I am conducting multilevel meta-analyses in R using the metafor package. I have 177 treatment vs. control comparisons from the data from 30 studies (multiple rows per study due to multi-year studies). Thus I am using random effects model rma.mv by keeping study id (reference or citation name) and year (the year in which observation was taken) as random effects (random=~1|id/year). I also want to see fixed effects of two moderators (crop and soil). Moderator “crop” has 7 levels and moderator “soil” has 3 levels. I ran first model (Model1) using rma.mv function, to see the overall effect of treatment. Then I ran three other models to test the effect of two moderators (please see syntax). The QM test is significant only for Model2 and Model4. Then I compared all four models using AIC criteria, that showed Model1 (and Model2?) is the best among all, however it does not include any moderator. AIC for Model1, 2, 3 and 4 are -77.07, -75.82, -56.95 and -58.28, respectively.

My questions are:

  1. If I choose Model1, according to AIC, then how could I test and discuss the effects of crop and soil types on response variable?
  2. When I use rma function, the results differ compared to that when I use rma.mv, in terms of significance. Which function should I choose?

Thank you in advance.

Model1<-rma.mv(yi, vi, random=~1|id/year, data=b)

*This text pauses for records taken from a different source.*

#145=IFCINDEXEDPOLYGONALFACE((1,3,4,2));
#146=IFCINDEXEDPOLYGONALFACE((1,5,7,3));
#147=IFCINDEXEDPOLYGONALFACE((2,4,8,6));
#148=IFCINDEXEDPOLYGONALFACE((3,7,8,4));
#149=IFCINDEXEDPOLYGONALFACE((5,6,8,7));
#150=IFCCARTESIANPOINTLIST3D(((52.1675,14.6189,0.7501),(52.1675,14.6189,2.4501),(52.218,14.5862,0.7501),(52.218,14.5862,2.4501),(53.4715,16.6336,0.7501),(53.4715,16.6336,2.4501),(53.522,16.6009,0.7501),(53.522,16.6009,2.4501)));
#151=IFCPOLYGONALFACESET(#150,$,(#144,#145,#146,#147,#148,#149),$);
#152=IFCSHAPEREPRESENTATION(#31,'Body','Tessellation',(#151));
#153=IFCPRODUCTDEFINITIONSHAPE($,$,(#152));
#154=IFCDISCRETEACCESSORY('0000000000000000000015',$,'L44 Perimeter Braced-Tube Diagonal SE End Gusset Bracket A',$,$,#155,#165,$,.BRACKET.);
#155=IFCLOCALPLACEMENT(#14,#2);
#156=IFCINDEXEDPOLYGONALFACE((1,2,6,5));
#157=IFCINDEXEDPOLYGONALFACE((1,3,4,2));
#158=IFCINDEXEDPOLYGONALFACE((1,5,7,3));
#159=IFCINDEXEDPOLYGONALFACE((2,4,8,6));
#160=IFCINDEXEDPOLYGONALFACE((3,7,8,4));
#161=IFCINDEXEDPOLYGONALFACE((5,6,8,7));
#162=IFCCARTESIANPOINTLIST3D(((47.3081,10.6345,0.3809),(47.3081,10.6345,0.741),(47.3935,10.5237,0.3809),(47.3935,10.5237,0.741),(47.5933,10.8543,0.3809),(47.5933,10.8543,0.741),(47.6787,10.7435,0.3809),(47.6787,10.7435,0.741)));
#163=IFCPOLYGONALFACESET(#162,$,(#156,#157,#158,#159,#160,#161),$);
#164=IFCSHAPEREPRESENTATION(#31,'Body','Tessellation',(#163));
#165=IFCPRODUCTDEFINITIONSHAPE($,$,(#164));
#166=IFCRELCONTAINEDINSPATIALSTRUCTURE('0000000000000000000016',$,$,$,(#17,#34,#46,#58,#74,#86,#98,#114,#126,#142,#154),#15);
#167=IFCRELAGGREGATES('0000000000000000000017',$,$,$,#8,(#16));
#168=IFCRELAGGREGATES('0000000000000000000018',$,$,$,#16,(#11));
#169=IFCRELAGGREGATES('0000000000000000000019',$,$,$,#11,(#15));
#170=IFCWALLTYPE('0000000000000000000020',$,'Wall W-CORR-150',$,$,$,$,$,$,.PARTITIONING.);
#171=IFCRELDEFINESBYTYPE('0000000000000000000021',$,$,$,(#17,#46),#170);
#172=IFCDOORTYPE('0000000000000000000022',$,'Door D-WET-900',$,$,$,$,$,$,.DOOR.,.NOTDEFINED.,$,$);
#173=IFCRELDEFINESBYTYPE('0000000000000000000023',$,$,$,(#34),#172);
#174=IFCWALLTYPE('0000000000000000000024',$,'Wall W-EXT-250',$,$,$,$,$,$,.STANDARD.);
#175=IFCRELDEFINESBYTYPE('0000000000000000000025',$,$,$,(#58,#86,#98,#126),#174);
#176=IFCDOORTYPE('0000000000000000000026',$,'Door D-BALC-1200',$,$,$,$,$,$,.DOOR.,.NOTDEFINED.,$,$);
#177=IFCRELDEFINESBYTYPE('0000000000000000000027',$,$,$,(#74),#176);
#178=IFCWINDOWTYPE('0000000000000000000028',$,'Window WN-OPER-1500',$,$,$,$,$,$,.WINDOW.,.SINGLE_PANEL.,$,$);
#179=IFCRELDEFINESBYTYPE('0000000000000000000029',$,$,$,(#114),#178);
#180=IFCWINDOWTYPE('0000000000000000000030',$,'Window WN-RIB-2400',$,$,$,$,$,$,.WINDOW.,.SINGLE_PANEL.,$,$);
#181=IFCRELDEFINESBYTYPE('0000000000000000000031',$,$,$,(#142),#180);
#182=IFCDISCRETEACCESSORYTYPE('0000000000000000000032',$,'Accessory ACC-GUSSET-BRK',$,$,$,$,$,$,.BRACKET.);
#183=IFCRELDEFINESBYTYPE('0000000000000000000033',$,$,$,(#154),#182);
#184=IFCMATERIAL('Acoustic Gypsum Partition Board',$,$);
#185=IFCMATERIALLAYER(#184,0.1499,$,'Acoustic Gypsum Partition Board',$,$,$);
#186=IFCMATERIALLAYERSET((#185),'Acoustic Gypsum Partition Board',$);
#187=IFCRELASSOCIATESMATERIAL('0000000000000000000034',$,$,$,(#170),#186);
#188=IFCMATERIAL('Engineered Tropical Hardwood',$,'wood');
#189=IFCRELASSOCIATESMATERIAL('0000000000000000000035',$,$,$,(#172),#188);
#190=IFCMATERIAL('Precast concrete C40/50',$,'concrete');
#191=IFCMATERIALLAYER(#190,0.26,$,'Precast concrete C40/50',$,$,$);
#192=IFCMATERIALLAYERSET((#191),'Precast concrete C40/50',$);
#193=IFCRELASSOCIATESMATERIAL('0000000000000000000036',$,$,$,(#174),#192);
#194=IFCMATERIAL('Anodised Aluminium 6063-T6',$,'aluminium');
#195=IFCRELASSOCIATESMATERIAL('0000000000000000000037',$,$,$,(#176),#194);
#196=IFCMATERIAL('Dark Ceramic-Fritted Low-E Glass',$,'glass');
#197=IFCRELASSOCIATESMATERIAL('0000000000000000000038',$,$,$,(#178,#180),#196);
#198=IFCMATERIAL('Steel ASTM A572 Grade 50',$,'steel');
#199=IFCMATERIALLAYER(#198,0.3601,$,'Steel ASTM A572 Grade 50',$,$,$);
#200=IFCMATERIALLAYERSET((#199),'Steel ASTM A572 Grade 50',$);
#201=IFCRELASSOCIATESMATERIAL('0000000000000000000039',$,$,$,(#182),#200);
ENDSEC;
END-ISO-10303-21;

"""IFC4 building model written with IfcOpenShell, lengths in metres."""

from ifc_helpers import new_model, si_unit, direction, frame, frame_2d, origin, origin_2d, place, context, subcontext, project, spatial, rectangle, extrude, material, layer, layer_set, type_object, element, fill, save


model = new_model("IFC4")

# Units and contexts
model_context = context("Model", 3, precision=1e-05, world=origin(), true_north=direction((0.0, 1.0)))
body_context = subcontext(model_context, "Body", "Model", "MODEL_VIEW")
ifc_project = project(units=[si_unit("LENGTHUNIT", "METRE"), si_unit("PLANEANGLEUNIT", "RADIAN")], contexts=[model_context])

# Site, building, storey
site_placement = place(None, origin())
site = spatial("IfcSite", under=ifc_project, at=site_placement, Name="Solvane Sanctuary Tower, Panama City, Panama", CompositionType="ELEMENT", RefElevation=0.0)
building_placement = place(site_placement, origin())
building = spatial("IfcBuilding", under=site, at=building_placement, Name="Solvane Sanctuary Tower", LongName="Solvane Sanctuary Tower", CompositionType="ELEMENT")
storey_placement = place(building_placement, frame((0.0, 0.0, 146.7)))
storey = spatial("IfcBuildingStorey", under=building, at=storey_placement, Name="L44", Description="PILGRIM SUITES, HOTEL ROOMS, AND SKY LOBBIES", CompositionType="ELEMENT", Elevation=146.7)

Model2<-rma.mv(yi, vi, mods = ~ factor(soil)- 1, random=~1|id/year, data = a)
Model3<-rma.mv(yi, vi, mods = ~ factor(crop) - 1, random=~1|id/year, data = a)

Model4<-rma.mv(yi, vi, mods = ~ factor(soil)+factor(crop) - 1, random=~1|id/year, data = a)

1 Answer 1


Comparisons of information criteria only make sense under maximum likelihood estimation. [1] So if you are going to compare AIC values, fit the models with method="ML".

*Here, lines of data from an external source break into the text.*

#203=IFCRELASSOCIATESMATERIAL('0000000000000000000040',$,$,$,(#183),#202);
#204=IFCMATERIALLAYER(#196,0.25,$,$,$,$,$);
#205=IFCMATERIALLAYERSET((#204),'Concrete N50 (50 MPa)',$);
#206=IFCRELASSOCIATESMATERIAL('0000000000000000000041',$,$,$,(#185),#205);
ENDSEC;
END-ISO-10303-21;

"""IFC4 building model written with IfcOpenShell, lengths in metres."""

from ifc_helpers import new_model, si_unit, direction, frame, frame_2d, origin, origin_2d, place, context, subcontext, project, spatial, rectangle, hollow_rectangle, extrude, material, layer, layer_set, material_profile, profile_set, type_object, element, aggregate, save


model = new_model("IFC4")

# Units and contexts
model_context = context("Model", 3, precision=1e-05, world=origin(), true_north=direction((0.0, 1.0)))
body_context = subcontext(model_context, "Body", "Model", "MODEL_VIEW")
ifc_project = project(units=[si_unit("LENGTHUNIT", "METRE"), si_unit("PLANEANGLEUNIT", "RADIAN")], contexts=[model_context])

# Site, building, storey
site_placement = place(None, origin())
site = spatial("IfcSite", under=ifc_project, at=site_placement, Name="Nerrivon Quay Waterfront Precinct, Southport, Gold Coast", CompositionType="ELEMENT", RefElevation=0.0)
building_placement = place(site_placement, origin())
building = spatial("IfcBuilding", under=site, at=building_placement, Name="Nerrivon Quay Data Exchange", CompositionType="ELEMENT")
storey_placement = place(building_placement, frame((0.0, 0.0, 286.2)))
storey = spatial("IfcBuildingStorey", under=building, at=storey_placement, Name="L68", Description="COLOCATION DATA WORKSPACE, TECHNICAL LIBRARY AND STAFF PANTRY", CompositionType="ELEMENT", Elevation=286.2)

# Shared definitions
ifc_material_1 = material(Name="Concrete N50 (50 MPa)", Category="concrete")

Also, you remove the intercept term in models 2, 3, and 4. This does not tell you if the factor is statistically significant (see: https://www.metafor-project.org/doku.php/tips:models_with_or_without_intercept). If you want to test if there are differences between the levels of a factor, leave the intercept in the model.

As for your second question: rma.mv() since your data has a multilevel structure, which rma() would not account for.

[1] There is actually some support for possibly comparing information criteria under REML estimation (https://doi.org/10.1198/000313006X90396). However, this is a contentious issue and to what extent the results from Gurka (2006) transfer to other types of models remains to be examined.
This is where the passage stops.